12/03/2026 reseauinternational.net  17min #307509

 Quand l'Apocalypse s'invite dans l'armée américaine : « Trump avait été oint par Jésus pour allumer le feu du signal en Iran afin de provoquer l'Armageddon »

Kerbala, Armageddon et le Temple

par Mounir Kilani

L'Occident analyse la guerre avec ses catégories stratégiques. Mais c'est peut-être du côté des imaginaires sacrés que se dessine la véritable nature du conflit.
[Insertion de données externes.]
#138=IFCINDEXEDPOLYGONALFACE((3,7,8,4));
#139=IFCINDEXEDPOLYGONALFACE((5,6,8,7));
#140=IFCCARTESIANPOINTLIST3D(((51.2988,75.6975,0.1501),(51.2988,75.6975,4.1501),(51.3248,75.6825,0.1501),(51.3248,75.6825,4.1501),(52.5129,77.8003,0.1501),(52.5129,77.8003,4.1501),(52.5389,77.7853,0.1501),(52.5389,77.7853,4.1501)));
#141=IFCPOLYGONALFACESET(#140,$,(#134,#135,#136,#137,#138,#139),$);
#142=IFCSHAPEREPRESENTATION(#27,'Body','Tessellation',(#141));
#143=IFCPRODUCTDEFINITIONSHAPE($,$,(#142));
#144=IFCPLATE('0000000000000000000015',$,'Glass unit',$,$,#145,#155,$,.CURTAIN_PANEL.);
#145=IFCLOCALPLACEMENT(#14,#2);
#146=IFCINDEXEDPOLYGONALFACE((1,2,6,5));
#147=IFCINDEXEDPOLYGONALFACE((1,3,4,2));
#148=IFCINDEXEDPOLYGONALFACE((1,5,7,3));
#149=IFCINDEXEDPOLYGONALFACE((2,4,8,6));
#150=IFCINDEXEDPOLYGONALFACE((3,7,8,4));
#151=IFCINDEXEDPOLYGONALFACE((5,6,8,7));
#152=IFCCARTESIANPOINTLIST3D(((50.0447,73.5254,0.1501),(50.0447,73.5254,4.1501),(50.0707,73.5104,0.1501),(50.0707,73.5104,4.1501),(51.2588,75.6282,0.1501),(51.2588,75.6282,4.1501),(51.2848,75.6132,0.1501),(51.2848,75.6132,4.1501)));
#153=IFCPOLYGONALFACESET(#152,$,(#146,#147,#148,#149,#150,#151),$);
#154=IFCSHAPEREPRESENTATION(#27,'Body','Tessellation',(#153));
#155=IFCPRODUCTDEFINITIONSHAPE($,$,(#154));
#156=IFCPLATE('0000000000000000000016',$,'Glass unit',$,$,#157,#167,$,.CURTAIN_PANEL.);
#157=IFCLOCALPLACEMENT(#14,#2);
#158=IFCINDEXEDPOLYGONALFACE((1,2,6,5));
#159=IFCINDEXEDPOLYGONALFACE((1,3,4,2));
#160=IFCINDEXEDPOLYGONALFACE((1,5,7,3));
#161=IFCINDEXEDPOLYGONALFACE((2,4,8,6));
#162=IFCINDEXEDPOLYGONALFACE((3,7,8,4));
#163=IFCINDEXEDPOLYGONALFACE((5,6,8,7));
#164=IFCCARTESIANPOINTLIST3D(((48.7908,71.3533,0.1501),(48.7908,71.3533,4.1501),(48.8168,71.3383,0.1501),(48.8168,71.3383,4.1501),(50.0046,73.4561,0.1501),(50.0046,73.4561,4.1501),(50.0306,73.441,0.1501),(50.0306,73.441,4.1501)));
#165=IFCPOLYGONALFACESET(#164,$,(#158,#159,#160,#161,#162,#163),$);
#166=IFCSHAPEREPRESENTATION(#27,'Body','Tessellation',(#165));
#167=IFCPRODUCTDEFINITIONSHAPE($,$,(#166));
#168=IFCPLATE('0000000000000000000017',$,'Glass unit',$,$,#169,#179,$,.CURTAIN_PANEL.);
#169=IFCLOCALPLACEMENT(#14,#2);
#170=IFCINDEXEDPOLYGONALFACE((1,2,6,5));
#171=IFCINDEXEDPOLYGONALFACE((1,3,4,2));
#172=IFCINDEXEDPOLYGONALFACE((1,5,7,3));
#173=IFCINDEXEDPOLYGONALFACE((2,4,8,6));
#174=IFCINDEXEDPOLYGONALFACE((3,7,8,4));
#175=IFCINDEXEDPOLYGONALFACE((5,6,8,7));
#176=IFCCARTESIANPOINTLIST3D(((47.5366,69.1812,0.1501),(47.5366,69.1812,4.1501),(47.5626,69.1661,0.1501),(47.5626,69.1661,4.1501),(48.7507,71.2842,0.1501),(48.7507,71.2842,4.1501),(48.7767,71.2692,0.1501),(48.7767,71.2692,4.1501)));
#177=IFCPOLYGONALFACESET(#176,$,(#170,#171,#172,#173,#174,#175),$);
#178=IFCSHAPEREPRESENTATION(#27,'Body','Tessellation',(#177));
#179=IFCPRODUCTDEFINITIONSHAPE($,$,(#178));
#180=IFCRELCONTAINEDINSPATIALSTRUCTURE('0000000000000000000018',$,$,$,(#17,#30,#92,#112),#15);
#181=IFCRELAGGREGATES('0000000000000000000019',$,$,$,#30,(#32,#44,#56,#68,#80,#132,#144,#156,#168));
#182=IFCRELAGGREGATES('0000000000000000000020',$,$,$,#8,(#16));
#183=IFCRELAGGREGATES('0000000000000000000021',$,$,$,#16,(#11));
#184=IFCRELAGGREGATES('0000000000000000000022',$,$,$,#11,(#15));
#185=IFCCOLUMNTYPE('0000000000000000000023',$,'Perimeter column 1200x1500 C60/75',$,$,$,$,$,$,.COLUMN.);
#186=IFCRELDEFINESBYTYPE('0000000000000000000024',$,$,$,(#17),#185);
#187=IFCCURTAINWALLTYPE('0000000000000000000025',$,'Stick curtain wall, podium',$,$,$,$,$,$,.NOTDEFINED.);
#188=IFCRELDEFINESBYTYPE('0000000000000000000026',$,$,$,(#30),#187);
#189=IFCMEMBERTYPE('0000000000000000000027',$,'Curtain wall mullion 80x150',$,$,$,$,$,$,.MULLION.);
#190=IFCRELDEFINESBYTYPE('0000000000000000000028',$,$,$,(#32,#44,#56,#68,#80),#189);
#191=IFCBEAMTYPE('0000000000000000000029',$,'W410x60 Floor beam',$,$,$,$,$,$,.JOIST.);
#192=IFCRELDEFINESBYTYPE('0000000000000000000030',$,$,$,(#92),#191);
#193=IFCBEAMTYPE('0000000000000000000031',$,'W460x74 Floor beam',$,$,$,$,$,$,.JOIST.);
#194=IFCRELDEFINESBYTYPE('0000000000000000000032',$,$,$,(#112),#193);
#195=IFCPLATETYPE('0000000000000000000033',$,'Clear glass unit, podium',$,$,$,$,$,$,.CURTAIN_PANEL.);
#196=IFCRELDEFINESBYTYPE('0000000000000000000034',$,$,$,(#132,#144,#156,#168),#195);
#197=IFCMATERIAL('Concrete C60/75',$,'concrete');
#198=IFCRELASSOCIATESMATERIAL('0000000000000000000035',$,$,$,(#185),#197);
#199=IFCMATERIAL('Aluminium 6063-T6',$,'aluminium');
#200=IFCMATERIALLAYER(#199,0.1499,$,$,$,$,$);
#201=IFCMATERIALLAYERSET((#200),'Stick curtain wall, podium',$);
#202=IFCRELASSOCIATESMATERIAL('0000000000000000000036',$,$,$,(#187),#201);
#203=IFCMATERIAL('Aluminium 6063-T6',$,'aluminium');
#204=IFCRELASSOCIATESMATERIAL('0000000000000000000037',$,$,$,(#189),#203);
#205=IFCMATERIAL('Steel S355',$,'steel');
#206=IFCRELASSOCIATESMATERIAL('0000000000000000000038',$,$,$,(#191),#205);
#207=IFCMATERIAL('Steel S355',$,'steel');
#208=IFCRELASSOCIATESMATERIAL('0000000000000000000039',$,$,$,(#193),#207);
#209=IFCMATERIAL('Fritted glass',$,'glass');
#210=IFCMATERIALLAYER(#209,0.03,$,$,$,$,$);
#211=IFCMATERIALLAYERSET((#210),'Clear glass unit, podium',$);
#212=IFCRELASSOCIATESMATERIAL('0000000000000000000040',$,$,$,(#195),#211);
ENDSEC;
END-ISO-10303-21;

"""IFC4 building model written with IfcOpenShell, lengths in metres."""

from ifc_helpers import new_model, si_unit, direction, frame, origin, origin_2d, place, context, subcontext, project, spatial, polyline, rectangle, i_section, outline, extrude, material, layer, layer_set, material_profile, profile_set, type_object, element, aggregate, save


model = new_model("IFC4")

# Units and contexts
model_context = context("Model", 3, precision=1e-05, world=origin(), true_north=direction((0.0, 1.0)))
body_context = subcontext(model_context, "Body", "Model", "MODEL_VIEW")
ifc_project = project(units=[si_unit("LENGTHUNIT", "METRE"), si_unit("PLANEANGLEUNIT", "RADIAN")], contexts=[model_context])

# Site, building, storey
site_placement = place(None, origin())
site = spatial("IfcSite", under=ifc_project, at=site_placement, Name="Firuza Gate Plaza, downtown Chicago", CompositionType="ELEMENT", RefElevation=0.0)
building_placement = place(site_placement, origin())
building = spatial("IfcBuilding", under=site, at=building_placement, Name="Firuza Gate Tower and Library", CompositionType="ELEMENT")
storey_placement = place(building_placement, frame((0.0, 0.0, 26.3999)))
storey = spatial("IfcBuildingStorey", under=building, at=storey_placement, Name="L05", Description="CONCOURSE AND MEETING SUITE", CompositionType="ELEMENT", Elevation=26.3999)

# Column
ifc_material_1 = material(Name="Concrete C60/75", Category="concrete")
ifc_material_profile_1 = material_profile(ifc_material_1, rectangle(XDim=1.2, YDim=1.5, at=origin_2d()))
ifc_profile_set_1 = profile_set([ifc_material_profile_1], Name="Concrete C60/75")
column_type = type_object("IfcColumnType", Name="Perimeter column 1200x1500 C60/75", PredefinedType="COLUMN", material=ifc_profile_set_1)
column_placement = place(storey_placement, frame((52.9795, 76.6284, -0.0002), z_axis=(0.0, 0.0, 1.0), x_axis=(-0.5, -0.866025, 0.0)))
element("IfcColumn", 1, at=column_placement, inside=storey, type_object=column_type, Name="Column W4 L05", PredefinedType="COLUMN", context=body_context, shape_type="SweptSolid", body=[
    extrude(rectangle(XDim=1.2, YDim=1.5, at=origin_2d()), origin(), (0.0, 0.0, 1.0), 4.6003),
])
On analyse souvent les tensions entre l'Iran, Israël et les États-Unis en termes de missiles, d'alliances et de dissuasion nucléaire. Mais derrière ces calculs stratégiques existe une autre dimension, plus silencieuse et parfois plus dangereuse : celle des récits religieux qui donnent à la guerre une signification cosmique.

Dans certaines circonstances historiques, ces imaginaires ne restent pas confinés aux sermons ou aux textes sacrés. Ils remontent jusqu'au sommet des États et influencent la manière dont les dirigeants, les soldats et les sociétés interprètent le conflit.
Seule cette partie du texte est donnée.